Michał Augustyn

Personal information
- Date of birth: 13 April 1991 (age 34)
- Place of birth: Wolsztyn, Poland
- Height: 1.84 m (6 ft 0 in)
- Position: Goalkeeper

Youth career
- 0000–2007: Grom Wolsztyn
- 2009: Polonia Bytom

Senior career*
- Years: Team / Apps / (Gls)
- 2007–2008: Grom Wolsztyn
- 2008: Sokół Rakoniewice
- 2009–2010: Polonia Bytom
- 2010–2011: Ilanka Rzepin / 26 / (0)
- 2011–2013: Chrobry Głogów / 37 / (0)
- 2014–2015: FC 47 Bastendorf
- 2015–2016: CS Grevenmacher / 33 / (0)
- 2017–2018: Union Mertert-Wasserbillig / 24 / (0)
- 2018–2019: FC 47 Bastendorf
- 2019–2020: FC Victoria Rosport
- 2020–2022: US Hostert / 17 / (0)
- 2022–2023: Jeunesse Junglinster

= Michał Augustyn =

Polish footballer (born 1991)

Michał Augustyn (born 13 APril 1991) is a Polish former professional footballer who played as a goalkeeper.

==Early life==

Augustyn completed his studies in 2013. He is a native of Wolsztyn, Poland.

==Career==

Augustyn started his senior career with Grom Wolsztyn in the regional league.
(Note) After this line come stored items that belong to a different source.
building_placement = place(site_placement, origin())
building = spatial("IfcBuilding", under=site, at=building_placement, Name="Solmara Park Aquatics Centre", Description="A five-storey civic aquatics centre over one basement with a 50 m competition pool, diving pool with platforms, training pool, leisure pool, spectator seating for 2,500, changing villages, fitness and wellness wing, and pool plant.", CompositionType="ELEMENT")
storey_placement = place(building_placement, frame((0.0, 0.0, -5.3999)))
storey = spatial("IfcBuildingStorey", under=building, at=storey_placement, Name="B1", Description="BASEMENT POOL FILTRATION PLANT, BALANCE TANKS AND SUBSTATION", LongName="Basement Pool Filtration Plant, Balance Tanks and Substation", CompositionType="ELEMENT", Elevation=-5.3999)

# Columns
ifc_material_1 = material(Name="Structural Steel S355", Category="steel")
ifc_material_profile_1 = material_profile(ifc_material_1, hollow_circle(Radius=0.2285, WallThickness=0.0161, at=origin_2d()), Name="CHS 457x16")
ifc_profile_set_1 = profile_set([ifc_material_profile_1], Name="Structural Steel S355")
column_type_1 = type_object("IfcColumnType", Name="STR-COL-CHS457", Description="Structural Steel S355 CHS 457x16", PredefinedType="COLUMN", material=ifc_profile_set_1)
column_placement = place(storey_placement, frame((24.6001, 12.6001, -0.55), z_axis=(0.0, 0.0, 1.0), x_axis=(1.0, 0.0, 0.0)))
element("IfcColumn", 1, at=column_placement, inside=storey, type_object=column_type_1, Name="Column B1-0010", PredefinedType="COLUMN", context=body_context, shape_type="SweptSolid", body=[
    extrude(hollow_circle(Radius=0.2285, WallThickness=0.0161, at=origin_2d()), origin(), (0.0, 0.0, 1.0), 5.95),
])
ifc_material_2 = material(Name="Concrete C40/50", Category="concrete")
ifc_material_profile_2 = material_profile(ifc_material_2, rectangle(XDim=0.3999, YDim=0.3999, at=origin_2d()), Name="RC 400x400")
In 2010, he moved to Ilanka Rzepin. In 2011, he signed for Polish side Chrobry Głogów, where he made 37 II liga appearances before leaving in 2013. Shortly after, he moved to Luxembourg to look for work. In 2014, he resumed his career and joined Luxembourgish side FC 47 Bastendorf, before signing with CS Grevenmacher for the 2015–16 season. He was nominated for 2015–16 League Goalkeeper of the Season while playing for the club. In 2017, Augustyn moved to Union Mertert-Wasserbillig. He was initially described as "returning from a serious injury and [...] in improving form" while at Union. He spent a year with FC Victoria Rosport before moving to US Hostert in 2020.

==Personal life==

In 2013, Augustyn began working in the financial industry. He is married to a Colombian woman; the pair currently lives in New York City, United States.